The Local Security Authority is the central control point of NT's security subsystem. It generates Security Access Tokens (described below) for logged-in users and manages the local computer's security policy. The Local Security Authority also logs the audit messages generated by the Security Reference Monitor and is responsible for maintaining trust relationships.
The SAM is the database holding the user directory. The SAM resides in the registry of the workstation for local logins and in the registry of the domain controllers for domain logins. (During normal operations, NT Server will also cache the SAM in memory to increase the performance of security operations.) The user and group entries in this directory contain the user and group names, Security Identifiers (described below), and encrypted local passwords. The SAM is part of the NT Registry and is not accessible to ordinary users. From an operating system point of view, only system processes, such as the Logon Process and the Local Security Authority, can access the SAM. These processes make the SAM accessible via administrative programs to authorized managers, including local and network administrators.
The Security Reference Monitor carries out the actual checking to determine whether a user has the requisite permissions to access a system object, such as a file or printer, by comparing the access controls on an object to the authorization information in the user's access token. The Security Reference Monitor also generates audit messages in accordance with audit policy, which the Local Security Authority defines. (We describe security auditing in more detail later in this report).
User Login Process
All users must authenticate themselves to NT, whether they want to use the local computer running NT Workstation or access the networked resources under the aegis of an NT domain. Without such an authentication, users can't use any computer under NT control (although it may be possible to gain limited access to a local computer by booting up DOS).
NT authentication begins when the user invokes the Trusted Path in one of several ways to display a login dialog box. The user can press the Control-Alt-Delete key combination or pull down the Start menu and select Shut Down, which gives the user the option to log out the current user and then log in as a new user. Users who have installed Active Desktop with Internet Explorer 4.0 can also choose logout directly from the Start menu. Regardless of how the user invokes the Trusted Path, the next step is to provide a valid user name and password to the Local Security Authority. The Local Security Authority then invokes one or more local authentication packages, which, if they exist, may be custom-written and need not be the one bundled with NT.
The local authentication package determines if the user name and the cryptographic hash of the password match the entry in the SAM, and if so, returns the Security Identifier, or SID, for that user. NT stores the SID in the SAM. The SAM does not hold the passwords themselves, but instead a 32-byte cryptographic hash of the passwords. Users who are not administrators cannot view the contents of the SAM. The only access right to the SAM that ordinary users have is to update their own passwords based on proof of knowledge of the old password. Administrators set up password policy and users control their passwords through NT's Domain User Manager tool.
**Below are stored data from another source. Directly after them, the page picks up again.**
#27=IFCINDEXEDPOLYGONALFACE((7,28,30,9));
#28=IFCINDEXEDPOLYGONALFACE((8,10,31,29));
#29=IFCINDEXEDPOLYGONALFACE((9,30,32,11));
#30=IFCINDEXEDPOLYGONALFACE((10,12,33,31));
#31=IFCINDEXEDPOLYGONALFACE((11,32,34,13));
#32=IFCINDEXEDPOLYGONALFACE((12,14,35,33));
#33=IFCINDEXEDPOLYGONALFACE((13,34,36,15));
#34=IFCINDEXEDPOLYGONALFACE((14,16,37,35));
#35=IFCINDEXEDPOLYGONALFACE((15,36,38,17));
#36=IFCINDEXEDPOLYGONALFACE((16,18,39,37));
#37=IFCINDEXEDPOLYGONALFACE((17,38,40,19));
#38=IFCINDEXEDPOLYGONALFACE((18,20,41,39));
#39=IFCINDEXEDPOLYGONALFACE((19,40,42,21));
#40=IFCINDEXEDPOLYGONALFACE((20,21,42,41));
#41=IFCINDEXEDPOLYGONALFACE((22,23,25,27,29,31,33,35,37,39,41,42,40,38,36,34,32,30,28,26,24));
If the user name isn't in the local SAM--that is, this is a domain user--or there is no local authentication package, the Local Security Authority can forward the user name and password to a network-based authentication package, such as that provided by an NT domain controller. When authenticating users in a client/server relationship, NT employs a challenge-response protocol known as Windows NT Challenge/Response. The protocol uses the following process for users logging in to network domains:
- The user types in his or her user name and password on the client computer.
- The client computer computes the cryptographic hash of the password and discards the actual password from its memory.
- The client computer sends the cleartext user name to the domain controller.
- The domain controller creates a random 16-byte number, called a nonce or challenge, and sends it to the client.
- The client encrypts the nonce with the user's password hash and returns the result to the domain controller.
- The domain controller retrieves the user's password hash from its domain SAM, uses the hash to encrypt the nonce it just created, and compares the result with the value returned from the client.
- If the two calculations agree, the domain controller considers the user authenticated.
The NT Challenge/Response authentication process allows the client to prove to the domain controller that it "knows" the user password without actually sending the password. Likewise, the domain controller doesn't store the user password itself, but only a hash of it.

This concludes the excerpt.